What is the best way to sync 20 bd?

A

Andrey Kuzin2021-01-08 09:20:13

PostgreSQL

Andrey Kuzin, 2021-01-08 09:20:13

There are about 20 databases (sql, pg) with data on customer orders (sales). Every second there is a new order in each database. It is required to collect information to calculate all sales to the server (21st). Cron transfer directly from db to db. The algorithm is clear, we use timestamp, we check, we update. BUT! When transferring, information loss is possible. It is necessary to check whether all the data has been downloaded. In case of data loss, send a message. The question is, can I arrange a check through an intermediate file? Will it give speed/reliability? How to properly build architecture?

Reply

Answer the question

In order to leave comments, you need to log in

3 answer(s)

G

galaxy, 2021-01-08
@galaxy

I would set up logical replication of the required table(s)
. postgres can't replicate to a table with a different name. That is, you get something like:
DB1 (schema1.table) -> DB21 (schema1.table)
DB2 (schema2.table) -> DB21 (schema2.table)
DB3 (schema2.table) -> DB21 (schema3.table) )
...
Further already unite the data in DB21 from schemaN.table as it is necessary to you.
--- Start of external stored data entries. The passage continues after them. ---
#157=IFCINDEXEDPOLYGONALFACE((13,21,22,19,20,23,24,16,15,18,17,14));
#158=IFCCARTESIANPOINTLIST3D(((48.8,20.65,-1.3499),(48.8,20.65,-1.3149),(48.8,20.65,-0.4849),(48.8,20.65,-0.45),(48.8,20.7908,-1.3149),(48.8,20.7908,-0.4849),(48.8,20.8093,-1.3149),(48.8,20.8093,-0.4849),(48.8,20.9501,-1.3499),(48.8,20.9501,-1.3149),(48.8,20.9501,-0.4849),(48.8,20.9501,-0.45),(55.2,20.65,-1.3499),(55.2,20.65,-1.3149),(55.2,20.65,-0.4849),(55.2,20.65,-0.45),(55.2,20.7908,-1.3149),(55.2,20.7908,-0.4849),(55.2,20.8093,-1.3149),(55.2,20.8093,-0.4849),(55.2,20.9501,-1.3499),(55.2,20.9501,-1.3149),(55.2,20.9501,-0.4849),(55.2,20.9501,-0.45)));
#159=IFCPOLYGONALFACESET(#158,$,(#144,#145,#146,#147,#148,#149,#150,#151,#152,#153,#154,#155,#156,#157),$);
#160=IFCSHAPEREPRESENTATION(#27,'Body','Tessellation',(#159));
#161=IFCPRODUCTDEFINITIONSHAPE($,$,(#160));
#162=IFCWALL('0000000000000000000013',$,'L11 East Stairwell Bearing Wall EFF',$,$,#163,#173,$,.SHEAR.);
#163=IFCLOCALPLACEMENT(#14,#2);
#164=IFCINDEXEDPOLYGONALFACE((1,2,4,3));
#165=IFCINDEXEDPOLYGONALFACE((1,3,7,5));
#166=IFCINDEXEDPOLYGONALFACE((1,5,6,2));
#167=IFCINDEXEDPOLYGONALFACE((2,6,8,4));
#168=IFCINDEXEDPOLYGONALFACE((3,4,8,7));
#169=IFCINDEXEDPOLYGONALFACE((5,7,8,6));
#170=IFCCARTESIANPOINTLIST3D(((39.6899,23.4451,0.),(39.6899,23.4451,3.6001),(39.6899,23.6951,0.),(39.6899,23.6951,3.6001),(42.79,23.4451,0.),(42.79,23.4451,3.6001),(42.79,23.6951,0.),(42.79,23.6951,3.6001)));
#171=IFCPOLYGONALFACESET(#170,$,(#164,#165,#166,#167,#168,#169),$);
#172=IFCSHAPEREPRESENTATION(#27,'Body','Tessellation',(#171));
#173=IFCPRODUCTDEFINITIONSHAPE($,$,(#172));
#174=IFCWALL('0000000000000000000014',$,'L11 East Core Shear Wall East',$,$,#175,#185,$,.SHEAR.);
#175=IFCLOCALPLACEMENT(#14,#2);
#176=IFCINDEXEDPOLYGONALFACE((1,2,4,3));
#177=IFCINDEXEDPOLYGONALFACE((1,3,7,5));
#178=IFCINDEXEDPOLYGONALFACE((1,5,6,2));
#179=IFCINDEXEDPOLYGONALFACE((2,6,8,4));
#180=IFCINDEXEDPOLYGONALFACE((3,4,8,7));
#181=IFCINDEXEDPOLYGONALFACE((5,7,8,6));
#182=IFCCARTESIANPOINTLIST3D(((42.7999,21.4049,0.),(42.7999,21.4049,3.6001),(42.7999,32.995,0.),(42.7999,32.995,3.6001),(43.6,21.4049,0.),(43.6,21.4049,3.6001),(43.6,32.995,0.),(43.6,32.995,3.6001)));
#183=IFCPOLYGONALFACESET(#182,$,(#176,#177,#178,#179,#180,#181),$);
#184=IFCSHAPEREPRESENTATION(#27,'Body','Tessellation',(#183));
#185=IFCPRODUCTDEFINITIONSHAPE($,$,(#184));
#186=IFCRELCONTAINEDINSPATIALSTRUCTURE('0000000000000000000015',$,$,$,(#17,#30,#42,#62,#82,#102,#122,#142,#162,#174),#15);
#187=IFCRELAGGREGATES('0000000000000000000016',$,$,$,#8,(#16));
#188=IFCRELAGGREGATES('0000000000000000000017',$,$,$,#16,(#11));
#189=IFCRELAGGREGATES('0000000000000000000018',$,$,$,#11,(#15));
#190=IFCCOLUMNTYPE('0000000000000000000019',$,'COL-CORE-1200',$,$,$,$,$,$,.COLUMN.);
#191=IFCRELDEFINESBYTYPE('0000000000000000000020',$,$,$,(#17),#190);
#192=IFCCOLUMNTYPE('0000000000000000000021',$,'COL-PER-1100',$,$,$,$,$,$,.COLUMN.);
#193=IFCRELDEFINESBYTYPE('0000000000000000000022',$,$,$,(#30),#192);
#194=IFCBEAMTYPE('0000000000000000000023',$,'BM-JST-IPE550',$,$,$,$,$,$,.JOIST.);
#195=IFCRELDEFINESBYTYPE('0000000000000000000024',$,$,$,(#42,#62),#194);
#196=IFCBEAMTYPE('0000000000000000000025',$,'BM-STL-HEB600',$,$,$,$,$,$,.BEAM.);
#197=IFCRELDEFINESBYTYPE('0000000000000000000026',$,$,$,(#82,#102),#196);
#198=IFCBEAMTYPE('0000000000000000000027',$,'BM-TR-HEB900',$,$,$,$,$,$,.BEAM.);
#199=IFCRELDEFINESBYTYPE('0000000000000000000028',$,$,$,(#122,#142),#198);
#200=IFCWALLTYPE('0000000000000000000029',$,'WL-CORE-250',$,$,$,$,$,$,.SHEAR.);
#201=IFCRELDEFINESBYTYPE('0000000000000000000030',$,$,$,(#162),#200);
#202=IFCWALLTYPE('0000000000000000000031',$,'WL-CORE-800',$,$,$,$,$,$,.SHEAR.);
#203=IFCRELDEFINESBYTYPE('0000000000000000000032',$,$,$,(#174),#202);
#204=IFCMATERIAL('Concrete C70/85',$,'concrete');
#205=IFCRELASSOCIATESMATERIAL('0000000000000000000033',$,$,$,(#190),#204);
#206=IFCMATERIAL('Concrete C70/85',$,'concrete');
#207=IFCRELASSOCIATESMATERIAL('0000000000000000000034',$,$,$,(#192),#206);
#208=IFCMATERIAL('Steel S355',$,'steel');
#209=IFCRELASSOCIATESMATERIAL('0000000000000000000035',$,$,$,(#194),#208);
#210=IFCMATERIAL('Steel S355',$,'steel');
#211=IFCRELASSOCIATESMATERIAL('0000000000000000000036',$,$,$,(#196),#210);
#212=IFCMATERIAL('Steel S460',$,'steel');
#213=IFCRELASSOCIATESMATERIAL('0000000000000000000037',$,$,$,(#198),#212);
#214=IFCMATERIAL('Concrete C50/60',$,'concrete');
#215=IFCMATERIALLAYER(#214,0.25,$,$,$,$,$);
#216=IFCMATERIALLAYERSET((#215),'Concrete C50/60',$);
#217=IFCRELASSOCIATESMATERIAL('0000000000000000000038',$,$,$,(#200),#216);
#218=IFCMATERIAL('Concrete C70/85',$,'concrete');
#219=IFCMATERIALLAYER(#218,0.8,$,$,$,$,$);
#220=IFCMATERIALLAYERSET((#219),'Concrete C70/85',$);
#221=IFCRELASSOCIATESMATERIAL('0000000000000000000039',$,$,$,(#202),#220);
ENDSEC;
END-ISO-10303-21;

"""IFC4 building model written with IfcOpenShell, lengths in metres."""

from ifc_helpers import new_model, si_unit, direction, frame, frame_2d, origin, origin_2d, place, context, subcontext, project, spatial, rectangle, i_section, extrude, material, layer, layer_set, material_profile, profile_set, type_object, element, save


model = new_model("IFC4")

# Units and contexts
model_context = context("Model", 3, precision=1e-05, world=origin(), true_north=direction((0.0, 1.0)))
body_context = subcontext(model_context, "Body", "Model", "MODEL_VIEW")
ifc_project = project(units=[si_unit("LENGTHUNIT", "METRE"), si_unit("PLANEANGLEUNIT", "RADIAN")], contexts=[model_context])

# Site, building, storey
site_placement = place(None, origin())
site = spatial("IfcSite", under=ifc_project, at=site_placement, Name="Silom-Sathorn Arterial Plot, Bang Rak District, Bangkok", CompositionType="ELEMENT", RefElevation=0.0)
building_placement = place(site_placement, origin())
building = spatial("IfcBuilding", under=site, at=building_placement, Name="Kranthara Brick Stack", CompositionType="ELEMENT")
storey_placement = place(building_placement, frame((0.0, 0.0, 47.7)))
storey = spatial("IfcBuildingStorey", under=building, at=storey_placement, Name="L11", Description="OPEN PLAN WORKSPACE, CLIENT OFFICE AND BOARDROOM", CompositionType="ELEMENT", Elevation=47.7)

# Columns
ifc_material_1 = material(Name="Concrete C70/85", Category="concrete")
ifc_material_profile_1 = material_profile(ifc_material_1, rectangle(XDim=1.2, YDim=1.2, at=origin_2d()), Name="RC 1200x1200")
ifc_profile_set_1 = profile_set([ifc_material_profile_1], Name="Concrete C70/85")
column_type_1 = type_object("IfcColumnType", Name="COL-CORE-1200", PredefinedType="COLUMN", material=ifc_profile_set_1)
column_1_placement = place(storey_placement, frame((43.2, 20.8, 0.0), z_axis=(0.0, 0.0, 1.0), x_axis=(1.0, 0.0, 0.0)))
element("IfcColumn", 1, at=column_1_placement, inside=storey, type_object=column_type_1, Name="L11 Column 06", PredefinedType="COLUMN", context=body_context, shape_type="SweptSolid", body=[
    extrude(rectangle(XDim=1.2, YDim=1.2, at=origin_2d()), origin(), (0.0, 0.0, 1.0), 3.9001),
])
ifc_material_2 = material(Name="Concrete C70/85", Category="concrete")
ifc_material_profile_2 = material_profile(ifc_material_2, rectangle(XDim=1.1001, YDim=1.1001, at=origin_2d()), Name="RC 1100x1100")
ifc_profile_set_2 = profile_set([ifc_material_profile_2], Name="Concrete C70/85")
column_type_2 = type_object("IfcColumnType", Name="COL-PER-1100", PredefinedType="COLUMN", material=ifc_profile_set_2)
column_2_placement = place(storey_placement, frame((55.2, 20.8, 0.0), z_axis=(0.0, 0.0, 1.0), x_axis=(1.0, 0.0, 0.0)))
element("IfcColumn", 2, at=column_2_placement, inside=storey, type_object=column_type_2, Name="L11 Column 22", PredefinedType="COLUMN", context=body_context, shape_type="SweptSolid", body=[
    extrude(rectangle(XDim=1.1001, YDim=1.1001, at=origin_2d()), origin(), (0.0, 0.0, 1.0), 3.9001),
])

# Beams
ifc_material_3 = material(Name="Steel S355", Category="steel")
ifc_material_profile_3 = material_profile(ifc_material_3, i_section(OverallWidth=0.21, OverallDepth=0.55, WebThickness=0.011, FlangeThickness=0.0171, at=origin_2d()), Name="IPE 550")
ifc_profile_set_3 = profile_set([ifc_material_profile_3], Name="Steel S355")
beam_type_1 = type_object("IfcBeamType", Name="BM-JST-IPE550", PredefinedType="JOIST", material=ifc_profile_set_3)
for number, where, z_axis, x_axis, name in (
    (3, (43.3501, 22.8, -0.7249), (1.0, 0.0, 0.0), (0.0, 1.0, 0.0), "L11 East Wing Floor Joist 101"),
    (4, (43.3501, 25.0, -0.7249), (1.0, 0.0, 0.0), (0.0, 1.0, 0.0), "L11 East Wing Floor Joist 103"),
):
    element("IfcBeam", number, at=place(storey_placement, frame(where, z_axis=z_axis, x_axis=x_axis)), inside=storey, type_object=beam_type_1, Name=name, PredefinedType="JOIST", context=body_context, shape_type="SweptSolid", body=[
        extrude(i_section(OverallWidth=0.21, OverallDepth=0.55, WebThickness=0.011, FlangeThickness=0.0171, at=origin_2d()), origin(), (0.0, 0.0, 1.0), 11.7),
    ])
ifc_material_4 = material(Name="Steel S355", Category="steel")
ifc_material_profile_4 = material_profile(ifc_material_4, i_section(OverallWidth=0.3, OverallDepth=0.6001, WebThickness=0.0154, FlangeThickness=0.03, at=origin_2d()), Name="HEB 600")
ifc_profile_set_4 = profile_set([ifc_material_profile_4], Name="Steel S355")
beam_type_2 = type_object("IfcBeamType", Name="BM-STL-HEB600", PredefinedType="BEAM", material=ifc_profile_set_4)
It is possible (like... to tell the truth did not check) to make tables schemaN.table partitions of the general table, for example. Or organize a materialized view.
You can also connect tables with DB1-20 through a foreign data wrapper and transfer data from them (here your task is to write a script / query so that nothing is lost and does not slow down).
This, of course, is all provided that your databases can connect to each other.

M

Miron, 2021-01-08
@Miron11

The data synchronization architecture is actually contained in the data structures of the leading DBMS creators. A great example to follow is SQL Server.
It, starting from version 2008 or 2012, has the option of reverse checking the page of the file storing data - the sum of multiple truncated values from 8 fields. If the function and value differ, the page is declared corrupted, after which the mechanism is activated that loads a copy of the same page from the machine where this page is "healthy".
How to split the data in the table into blocks / pages, which function is better for counting and how to communicate between databases, these are probably the parameters that you can suggest. If you are interested in this approach, please write to make a complete solution.

S

Slava Rozhnev, 2021-01-08
@rozhnev

There is an option to use Kafka. In each of the 20 databases, a plugin is installed that publishes all data changes to Kafka. In Kafka, using KSQL, data streams are combined into one and the already combined resulting stream is written to the resulting database.